At 0% shared data, the RDMA-based solution just accesses local buffers, and PolarDB-CXL just treats CXL as a memory pool. Even so, CXL-based still performs better, mainly due to the read/write amplification and bandwidth ceiling issues of the RDMA-based solution mentioned earlier.
From the performance comparison chart above, it’s clear that PolarDB-CXL significantly outperforms PolarDB-MP. The data is very clear. However, note that when shared data >60%, PolarDB-CXL’s performance improvement becomes less significant, mainly because:
- Page-level locks become the bottleneck.
- As lock contention intensifies, processes enter sleep states, and frequent context switching further exacerbates resource contention.
Summary#
PolarDB-CXL advantages:
- Eliminates RDMA’s “local-remote” hierarchical memory structure design.
- Resolves RDMA’s read/write amplification problem.
- Provides a CXL-based memory pool.
- PolarRecv, based on CXL persistent memory, enables faster database crash recovery.
- Benchmarking shows PolarDB-MP CXL outperforms PolarDB-MP RDMA.

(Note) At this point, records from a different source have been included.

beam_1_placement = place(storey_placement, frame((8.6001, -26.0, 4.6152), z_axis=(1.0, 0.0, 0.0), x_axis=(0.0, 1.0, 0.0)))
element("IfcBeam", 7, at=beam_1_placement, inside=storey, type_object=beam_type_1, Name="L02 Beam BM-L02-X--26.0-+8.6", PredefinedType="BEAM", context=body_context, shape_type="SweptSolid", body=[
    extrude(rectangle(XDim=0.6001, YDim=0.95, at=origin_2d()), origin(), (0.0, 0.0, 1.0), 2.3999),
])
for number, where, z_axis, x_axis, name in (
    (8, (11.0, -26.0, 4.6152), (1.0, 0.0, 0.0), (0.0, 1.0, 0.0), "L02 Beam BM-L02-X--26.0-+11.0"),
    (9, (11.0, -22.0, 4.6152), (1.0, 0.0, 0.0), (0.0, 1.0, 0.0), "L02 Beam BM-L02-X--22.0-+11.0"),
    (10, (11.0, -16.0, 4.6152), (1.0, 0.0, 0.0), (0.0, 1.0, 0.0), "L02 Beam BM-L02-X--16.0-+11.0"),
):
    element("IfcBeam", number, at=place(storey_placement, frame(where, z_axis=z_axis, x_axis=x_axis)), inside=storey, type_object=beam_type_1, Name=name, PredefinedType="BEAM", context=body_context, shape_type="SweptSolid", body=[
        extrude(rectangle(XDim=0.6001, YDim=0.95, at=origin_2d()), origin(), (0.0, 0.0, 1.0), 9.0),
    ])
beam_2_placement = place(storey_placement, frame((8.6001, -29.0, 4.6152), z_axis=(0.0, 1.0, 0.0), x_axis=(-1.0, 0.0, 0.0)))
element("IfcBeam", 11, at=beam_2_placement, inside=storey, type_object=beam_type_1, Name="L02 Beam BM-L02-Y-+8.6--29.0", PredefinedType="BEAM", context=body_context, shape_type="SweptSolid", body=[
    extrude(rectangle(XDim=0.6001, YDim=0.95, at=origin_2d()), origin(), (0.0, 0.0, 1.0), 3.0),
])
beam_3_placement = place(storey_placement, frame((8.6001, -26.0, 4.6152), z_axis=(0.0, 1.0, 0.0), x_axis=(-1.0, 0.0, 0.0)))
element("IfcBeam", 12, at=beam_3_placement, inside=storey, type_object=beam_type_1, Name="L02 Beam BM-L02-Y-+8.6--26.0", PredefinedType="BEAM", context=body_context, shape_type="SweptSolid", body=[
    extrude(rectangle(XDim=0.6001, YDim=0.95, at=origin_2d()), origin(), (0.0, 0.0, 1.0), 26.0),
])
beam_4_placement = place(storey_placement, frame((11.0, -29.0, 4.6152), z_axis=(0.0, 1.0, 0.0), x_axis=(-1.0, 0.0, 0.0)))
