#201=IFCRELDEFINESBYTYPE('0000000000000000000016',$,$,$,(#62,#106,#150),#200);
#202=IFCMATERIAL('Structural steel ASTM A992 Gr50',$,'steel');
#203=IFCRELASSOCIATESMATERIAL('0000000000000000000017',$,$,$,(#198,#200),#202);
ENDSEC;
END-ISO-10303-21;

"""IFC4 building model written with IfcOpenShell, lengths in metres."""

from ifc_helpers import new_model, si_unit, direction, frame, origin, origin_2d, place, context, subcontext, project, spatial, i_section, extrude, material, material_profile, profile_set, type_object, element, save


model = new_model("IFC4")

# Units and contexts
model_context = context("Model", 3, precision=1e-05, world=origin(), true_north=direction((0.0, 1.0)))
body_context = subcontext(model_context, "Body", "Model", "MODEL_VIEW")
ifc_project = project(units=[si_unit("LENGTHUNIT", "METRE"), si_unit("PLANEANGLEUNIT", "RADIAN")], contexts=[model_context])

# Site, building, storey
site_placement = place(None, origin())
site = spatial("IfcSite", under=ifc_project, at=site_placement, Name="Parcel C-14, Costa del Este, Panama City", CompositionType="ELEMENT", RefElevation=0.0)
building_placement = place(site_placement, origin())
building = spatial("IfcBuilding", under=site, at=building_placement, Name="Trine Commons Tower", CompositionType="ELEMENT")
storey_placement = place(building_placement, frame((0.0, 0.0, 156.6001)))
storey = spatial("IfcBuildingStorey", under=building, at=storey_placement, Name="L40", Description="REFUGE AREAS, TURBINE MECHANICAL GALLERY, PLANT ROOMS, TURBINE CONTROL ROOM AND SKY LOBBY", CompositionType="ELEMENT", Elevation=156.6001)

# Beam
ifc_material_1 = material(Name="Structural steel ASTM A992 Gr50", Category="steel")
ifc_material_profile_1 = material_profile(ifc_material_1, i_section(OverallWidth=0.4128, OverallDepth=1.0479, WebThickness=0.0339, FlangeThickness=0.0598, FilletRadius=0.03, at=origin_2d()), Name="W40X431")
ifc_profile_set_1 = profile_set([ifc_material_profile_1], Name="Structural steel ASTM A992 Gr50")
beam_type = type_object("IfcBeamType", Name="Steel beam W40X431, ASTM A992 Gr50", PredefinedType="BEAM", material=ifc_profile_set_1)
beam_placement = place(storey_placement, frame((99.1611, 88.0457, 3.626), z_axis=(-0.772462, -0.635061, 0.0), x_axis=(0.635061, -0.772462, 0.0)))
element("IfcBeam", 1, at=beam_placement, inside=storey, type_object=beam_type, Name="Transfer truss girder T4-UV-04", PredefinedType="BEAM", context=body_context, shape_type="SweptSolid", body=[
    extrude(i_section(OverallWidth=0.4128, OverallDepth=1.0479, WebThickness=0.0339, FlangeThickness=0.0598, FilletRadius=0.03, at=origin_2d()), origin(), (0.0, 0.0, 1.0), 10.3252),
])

PolarDB-CXL disadvantages:
- Cross-node updates still use page-level locks, which remain the main performance bottleneck in shared data update scenarios.
- The CXL 2.0 switch seems a bit dated — by the time the paper was published, switch devices supporting 3.2 were already available, and CXL 4.0 was announced in November 2025. We can predict future databases built on newer CXL standard switch devices.
- The paper quality isn’t actually as high as the MP paper — it mainly revolves around solutions for the CXL 2.0 switch physical hardware, which differs from the extensive database-layer design found in the PolarDB-MP paper.